El gobierno asegura que México avanza y que la clase media está creciendo. La afirmación se repite con insistencia y se respalda en cifras de organismos internacionales. Sin embargo, detrás del optimismo oficial hay un problema de fondo. La categoría que hoy se presenta como “clase media” no corresponde con la realidad económica de millones de hogares. No es un debate semántico, sino una distorsión en la forma de medir y presentar los datos.
Clase media de papel
La narrativa oficial se apoya en una clasificación del Banco Mundial, no en una definición construida desde la realidad cotidiana del país. Conviene aclararlo desde el inicio. El Banco Mundial no levanta datos propios en México. Sus estimaciones se alimentan de información que le proporciona el propio Estado mexicano, principalmente a partir de encuestas del Inegi y de registros macroeconómicos de la Secretaría de Hacienda. Con esos insumos construye comparaciones internacionales.
En otras palabras, el Banco Mundial procesa cifras oficiales del gobierno. No las audita en términos de bienestar social ni las contrasta con el costo de vida real. Su objetivo es comparativo, no doméstico.
Bajo esa metodología, la clase media se define a partir de un umbral mínimo de ingreso diario promedio por persona superior a 17 dólares, medidos en paridad de poder adquisitivo. Es una herramienta útil para observar tendencias globales, pero no fue diseñada para medir estabilidad económica, calidad de vida ni seguridad material de los hogares. Ese matiz se omite de manera sistemática.
Llevado al lenguaje llano, esos 17 dólares diarios se traducen en alrededor de 6,400 pesos mensuales. Aquí aparece el absurdo. En México, el salario mínimo mensual ronda los 8,300 pesos. Con ese ingreso, una persona apenas cubre sus necesidades individuales básicas. Un hogar, simplemente no. No hay ahorro, no hay patrimonio y no hay margen frente a imprevistos. Bajo la lógica que hoy presume el gobierno, una persona que gana menos de un salario mínimo puede ser considerada clase media. Legalmente no alcanza el mínimo; políticamente es presentada como parte de una clase media en expansión. Ambas cosas no pueden ser ciertas al mismo tiempo.
Frente a esta narrativa conviene recordar cómo se define la clase media a nivel internacional en términos cualitativos. La literatura académica y los principales organismos multilaterales, incluido el propio Banco Mundial, así como la OCDE y la CEPAL, coinciden en que la clase media no se define solo por el ingreso. El ingreso es apenas un indicador de referencia.
La definición más utilizada incorpora estabilidad económica, capacidad de cubrir necesidades básicas sin angustia, posibilidad real de ahorro, protección frente a riesgos como enfermedad o desempleo, acumulación gradual de patrimonio y expectativas razonables de movilidad social. En síntesis, clase media no es quien rebasa una línea estadística, sino quien puede vivir sin vulnerabilidad económica.

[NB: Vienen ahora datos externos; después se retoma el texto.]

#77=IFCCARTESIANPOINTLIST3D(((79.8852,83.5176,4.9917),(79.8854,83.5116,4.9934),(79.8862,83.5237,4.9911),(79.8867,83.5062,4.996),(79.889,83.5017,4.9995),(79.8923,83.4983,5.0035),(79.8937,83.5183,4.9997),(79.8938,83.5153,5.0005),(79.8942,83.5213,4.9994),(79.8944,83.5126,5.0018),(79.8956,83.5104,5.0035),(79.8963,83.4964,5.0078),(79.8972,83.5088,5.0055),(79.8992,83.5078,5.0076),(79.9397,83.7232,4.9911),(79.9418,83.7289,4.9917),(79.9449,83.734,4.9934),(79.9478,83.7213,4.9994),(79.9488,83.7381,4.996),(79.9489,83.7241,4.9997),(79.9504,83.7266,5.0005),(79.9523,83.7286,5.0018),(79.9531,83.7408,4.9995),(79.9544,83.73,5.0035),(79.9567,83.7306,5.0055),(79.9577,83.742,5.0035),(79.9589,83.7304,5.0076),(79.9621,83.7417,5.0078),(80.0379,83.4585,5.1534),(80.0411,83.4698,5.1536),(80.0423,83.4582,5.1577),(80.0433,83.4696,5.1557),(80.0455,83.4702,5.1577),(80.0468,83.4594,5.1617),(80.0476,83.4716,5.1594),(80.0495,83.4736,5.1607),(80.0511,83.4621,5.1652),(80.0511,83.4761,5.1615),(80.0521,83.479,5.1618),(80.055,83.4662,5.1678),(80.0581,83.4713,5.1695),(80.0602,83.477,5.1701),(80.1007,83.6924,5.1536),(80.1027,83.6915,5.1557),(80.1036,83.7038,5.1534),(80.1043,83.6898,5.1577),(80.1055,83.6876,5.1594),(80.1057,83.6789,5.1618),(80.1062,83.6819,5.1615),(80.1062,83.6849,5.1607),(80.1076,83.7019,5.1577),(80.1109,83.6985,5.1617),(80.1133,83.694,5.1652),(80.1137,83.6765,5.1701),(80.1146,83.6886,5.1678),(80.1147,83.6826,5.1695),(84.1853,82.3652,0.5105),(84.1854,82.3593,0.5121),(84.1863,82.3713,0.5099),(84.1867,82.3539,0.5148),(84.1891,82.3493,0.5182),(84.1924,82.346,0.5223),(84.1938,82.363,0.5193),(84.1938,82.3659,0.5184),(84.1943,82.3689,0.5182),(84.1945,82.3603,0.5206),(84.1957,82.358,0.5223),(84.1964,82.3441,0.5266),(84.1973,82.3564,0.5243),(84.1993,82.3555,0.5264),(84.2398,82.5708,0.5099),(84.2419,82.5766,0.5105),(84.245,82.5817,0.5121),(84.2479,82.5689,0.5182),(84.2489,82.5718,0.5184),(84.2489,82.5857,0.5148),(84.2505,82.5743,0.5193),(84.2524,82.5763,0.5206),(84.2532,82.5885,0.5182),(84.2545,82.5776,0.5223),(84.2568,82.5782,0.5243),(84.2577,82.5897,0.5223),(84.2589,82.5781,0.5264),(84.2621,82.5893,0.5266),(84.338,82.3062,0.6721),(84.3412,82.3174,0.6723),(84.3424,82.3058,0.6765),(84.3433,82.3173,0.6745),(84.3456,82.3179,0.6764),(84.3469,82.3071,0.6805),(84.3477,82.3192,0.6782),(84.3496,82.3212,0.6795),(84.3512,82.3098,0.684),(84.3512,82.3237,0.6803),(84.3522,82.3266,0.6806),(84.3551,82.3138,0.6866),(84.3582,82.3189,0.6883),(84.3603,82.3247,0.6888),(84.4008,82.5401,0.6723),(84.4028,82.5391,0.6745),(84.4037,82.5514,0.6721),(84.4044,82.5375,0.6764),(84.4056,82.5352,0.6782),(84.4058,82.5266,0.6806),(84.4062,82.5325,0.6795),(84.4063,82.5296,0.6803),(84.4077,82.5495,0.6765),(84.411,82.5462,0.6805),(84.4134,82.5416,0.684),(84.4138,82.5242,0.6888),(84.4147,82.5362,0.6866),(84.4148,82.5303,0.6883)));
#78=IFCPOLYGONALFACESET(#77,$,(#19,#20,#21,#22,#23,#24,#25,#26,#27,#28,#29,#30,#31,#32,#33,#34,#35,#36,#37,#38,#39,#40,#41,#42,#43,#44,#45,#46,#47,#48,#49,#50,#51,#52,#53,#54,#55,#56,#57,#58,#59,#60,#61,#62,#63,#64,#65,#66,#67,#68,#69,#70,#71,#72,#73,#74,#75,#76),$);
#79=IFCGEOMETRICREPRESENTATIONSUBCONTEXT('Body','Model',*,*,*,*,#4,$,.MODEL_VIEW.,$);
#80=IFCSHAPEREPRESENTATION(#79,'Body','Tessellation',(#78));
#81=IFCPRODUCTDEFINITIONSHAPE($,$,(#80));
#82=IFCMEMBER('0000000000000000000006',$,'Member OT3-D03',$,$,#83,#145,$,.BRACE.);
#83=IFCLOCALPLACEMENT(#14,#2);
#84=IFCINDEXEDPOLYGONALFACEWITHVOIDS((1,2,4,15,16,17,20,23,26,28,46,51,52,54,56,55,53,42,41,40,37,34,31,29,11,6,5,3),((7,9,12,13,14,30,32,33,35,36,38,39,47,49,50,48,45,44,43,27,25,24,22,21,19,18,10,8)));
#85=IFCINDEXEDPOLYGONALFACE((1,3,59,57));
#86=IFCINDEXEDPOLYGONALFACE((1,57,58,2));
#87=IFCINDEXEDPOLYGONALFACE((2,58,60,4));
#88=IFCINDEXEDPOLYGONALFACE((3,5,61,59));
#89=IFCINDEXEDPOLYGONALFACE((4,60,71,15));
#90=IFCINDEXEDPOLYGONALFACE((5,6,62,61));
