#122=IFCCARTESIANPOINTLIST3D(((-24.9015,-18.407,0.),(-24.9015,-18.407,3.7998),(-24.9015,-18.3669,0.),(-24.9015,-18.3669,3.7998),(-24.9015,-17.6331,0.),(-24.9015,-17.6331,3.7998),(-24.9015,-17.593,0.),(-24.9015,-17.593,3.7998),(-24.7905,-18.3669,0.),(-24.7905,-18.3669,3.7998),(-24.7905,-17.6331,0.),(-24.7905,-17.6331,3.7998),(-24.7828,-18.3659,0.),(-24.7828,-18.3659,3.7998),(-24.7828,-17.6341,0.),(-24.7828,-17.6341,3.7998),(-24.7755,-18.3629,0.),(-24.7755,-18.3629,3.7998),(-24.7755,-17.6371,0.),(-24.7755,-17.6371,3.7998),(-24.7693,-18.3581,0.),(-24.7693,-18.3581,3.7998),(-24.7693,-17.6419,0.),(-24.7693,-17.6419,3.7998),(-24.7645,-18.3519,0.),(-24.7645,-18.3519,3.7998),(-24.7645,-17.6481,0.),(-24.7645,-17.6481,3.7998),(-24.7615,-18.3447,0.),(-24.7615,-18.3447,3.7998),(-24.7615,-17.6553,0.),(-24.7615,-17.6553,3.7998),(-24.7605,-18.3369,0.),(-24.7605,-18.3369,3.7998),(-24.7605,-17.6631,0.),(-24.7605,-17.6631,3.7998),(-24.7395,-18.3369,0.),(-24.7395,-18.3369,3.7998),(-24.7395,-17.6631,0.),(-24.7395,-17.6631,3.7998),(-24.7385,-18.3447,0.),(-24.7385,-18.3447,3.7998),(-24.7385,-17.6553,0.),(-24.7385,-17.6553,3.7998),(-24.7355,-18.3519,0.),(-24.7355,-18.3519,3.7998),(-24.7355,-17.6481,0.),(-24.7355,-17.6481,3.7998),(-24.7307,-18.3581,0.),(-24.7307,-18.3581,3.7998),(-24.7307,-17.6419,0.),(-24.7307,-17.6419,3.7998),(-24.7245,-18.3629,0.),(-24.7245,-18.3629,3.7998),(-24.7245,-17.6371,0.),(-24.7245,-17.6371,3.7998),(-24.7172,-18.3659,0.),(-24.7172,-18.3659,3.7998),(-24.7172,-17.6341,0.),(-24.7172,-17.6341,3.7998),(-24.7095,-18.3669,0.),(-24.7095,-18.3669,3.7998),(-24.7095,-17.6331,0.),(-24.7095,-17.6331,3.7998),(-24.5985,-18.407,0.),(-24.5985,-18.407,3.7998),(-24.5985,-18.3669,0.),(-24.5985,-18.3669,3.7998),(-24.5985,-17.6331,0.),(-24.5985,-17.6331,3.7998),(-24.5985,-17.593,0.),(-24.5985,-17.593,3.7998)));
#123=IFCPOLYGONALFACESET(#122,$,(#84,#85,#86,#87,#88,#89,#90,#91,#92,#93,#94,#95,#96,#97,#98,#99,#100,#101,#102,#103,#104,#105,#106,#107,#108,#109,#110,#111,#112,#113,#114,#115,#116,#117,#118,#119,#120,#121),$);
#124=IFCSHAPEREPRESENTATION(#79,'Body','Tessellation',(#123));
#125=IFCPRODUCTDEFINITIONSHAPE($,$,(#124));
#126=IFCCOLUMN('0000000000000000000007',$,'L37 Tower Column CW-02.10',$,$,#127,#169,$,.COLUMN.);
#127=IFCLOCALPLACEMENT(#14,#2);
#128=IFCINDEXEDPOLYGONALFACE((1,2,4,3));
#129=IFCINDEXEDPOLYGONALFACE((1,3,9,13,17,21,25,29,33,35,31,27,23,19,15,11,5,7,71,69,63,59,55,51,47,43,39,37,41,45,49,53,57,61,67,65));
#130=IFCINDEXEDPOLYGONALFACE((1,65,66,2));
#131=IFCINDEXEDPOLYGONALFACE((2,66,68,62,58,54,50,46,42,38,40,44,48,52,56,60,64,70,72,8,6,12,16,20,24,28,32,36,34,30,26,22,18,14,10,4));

Cuando se contrasta esa definición con la realidad mexicana, el discurso oficial se desmorona. De acuerdo con el Inegi, la Línea de Pobreza por Ingresos urbana ronda los 4,800 pesos por persona al mes. En un hogar promedio de cuatro integrantes, eso implica cerca de 19,200 pesos mensuales solo para no caer en pobreza por ingresos. Ese es el umbral real de subsistencia.
Aquí aparece un elemento clave. Desde la desaparición del Coneval, el órgano constitucional autónomo encargado de evaluar la política social y medir la pobreza con criterios independientes, comenzaron a multiplicarse las buenas noticias estadísticas. El Coneval funcionaba como contrapeso técnico y metodológico. Con su eliminación, dejaron de existir evaluaciones sociales respaldadas por un órgano autónomo y los relatos oficiales comenzaron a alimentarse exclusivamente de cifras del Inegi y de Hacienda, ambas instancias bajo control directo del gobierno. Desde entonces han emergido narrativas optimistas como la supuesta reducción sostenida de la pobreza y ahora el crecimiento repentino de la clase media. No es coincidencia. Es un cambio en las reglas del juego.
Llamar clase media a quienes ganan menos del salario mínimo y viven sin estabilidad ni ahorro no es un error técnico, sino una decisión política. Sirve para sostener un relato optimista en una economía frágil, justo cuando el gobierno necesita buenas noticias antes de que 2026 exhiba sus costos. Pero la realidad no cambia por decreto. Lo único que cambió fue la forma de contarla. La clase media que hoy se presume es una construcción de papel.